3D Technology in Orono Will Help Local Patients

Caitlin Burchill

Updated 1 year ago

You’ve heard about it in the movies and even in the sports world, but now 3D motion capture technology is being used to help regular folks in Maine.”This is a human performance lab so we look at human motion. It’s very hard for the eye to capture that complex motions and so if you can capture that you can begin to develop the solutions,” said Dr. Andrew Hodge, Chief of Orthopedics at Eastern Maine Medical Center.

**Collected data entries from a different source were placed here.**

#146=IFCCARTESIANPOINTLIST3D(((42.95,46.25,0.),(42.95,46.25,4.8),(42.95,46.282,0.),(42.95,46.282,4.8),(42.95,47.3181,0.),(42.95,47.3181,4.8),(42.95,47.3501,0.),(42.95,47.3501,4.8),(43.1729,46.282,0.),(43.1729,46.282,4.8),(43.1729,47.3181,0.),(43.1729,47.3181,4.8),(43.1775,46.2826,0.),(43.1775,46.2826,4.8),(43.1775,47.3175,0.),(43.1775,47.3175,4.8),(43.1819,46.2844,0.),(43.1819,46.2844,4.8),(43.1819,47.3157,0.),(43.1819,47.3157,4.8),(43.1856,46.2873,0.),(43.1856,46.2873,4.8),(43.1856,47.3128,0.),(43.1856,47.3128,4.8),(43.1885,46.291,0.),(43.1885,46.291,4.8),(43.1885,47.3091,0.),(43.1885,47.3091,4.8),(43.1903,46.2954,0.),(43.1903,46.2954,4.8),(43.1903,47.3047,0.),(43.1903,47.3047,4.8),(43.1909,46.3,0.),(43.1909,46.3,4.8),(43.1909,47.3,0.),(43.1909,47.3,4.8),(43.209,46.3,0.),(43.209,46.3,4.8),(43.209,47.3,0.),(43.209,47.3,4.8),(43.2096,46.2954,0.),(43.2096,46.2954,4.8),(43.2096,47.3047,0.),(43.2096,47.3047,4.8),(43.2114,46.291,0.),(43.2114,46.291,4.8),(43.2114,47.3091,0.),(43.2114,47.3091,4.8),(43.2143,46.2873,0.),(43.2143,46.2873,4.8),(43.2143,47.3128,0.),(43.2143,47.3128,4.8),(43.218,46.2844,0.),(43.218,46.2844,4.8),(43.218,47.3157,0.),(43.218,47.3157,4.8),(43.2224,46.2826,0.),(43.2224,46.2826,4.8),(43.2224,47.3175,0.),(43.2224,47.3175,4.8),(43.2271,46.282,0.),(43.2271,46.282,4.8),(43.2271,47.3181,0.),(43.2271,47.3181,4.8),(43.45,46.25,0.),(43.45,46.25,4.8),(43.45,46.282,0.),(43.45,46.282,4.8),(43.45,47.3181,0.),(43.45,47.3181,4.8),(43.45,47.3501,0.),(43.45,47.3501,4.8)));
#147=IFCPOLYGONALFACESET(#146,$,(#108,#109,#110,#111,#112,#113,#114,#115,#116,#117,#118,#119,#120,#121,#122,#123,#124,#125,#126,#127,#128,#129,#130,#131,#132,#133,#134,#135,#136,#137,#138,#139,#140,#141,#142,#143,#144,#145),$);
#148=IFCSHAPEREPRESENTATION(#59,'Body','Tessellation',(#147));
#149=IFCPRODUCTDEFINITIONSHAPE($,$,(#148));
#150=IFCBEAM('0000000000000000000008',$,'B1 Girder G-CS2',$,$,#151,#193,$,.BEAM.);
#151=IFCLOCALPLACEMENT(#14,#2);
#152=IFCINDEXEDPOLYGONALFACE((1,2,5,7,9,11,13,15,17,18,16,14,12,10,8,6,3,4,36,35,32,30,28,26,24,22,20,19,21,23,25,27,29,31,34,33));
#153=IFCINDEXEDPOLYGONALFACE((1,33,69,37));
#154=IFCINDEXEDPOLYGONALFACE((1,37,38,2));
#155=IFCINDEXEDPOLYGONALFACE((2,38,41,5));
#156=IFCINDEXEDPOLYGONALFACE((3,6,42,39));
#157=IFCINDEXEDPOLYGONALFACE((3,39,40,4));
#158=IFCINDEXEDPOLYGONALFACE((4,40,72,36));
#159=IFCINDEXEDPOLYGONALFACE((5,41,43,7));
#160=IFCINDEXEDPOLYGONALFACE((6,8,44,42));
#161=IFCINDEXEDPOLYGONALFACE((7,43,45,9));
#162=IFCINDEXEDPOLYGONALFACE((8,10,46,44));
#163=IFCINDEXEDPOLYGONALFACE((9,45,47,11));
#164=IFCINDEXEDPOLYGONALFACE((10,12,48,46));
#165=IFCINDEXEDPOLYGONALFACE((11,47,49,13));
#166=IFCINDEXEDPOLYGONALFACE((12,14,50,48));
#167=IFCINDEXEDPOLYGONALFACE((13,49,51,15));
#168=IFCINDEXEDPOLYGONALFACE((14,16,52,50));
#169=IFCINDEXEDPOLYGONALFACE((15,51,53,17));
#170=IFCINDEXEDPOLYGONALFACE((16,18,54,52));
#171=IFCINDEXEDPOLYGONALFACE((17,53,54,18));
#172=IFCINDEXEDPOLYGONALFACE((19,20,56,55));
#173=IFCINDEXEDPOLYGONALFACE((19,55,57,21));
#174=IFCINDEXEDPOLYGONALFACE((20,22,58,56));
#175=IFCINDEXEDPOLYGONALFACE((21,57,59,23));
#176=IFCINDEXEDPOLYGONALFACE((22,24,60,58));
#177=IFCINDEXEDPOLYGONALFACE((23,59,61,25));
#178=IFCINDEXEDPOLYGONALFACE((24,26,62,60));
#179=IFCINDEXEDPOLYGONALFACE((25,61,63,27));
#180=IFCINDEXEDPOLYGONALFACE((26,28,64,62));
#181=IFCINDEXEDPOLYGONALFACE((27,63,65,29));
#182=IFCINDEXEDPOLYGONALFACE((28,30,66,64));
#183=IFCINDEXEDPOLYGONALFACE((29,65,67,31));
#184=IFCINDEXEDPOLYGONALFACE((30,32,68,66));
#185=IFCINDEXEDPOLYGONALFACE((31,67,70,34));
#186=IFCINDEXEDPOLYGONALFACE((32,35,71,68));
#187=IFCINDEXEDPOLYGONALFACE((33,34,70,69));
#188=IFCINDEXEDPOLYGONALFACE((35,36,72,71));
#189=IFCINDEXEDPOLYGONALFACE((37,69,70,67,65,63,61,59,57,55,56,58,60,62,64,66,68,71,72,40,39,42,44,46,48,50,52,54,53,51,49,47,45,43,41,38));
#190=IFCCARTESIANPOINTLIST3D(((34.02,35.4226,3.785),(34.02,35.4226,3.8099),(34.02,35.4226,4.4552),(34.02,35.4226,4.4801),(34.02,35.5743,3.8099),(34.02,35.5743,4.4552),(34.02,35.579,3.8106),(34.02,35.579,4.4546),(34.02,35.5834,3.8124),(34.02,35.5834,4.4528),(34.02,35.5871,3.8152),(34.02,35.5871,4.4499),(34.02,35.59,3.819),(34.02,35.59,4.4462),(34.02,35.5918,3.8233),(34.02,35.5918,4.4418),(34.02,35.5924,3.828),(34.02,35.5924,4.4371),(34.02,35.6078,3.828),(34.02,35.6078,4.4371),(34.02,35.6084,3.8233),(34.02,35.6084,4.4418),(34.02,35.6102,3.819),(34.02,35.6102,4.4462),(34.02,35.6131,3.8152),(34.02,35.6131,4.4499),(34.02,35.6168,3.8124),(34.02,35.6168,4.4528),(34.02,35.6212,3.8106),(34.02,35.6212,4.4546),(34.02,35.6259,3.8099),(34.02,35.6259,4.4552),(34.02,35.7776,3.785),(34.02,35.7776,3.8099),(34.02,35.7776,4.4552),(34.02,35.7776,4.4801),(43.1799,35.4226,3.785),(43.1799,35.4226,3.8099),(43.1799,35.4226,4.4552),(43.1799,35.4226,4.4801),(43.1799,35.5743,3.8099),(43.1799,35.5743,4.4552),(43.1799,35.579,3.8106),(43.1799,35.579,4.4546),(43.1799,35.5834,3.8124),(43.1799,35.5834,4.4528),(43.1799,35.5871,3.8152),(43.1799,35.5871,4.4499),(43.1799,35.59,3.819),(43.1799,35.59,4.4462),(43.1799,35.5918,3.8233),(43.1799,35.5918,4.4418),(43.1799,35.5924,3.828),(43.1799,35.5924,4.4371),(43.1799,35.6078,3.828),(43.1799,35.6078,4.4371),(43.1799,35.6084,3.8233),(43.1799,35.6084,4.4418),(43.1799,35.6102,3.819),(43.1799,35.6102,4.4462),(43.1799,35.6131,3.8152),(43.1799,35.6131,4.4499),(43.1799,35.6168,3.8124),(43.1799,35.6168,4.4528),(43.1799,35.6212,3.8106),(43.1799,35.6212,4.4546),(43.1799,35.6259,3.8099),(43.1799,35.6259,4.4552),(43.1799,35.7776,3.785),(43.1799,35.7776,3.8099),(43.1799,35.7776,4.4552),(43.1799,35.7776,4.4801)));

Clinicians at Eastern Maine Medical Center and researchers at UMaine have joined forces to use this technology to help patients.”Our first project is going to be working with patients that have spinal stenosis. So this is what we call one of our spine models. So looking at patients, how much they can bend forward and bend back,” said Katie Helo, a physical therapist at Eastern Maine Medical Center.The real time technology can gauge a person’s range of motion before and after an injury or possible surgery.”After we do some procedure like a joint replacement then we look at it afterwards and we see how their clinical outcome is and that’s very important in today’s health care system because the people who pay for these, which are the insurance companies, want to make sure their patients and clients are getting the best results,” said Hodge. But these doctors couldn’t help patients without the brains at UMaine.”It’s really important to have the engineering side in the development of whatever tests. If you want to look at a certain performance test then we can design that test and see how we can capture it,” said Hodge. While EMMC patients will benefit, UMaine athletics will be sure to take advantage of this equipment on their campus. “On the sporting side, we can show them how to do it correctly and avoid that injury that might take them out of competition,” said Hodge. A former college volleyball player, I thought I’d give it a try. “So this is you. This is what you were just doing. Your right one barely moves at all. Your left one goes in,” said Hilo as she examined my 3D motion capture results. The physical therapists diagnosed me with a weak VMO or weak inner quad on my left leg.Female athletes commonly have this weakness and it can result in a torn ACL.The physical therapist recommended that I do more squats. This 3D equipment is housed in the Human Performance Lab at the Culter Health Center on UMaine’s campus. Practioners will begin using this technology in full force next month.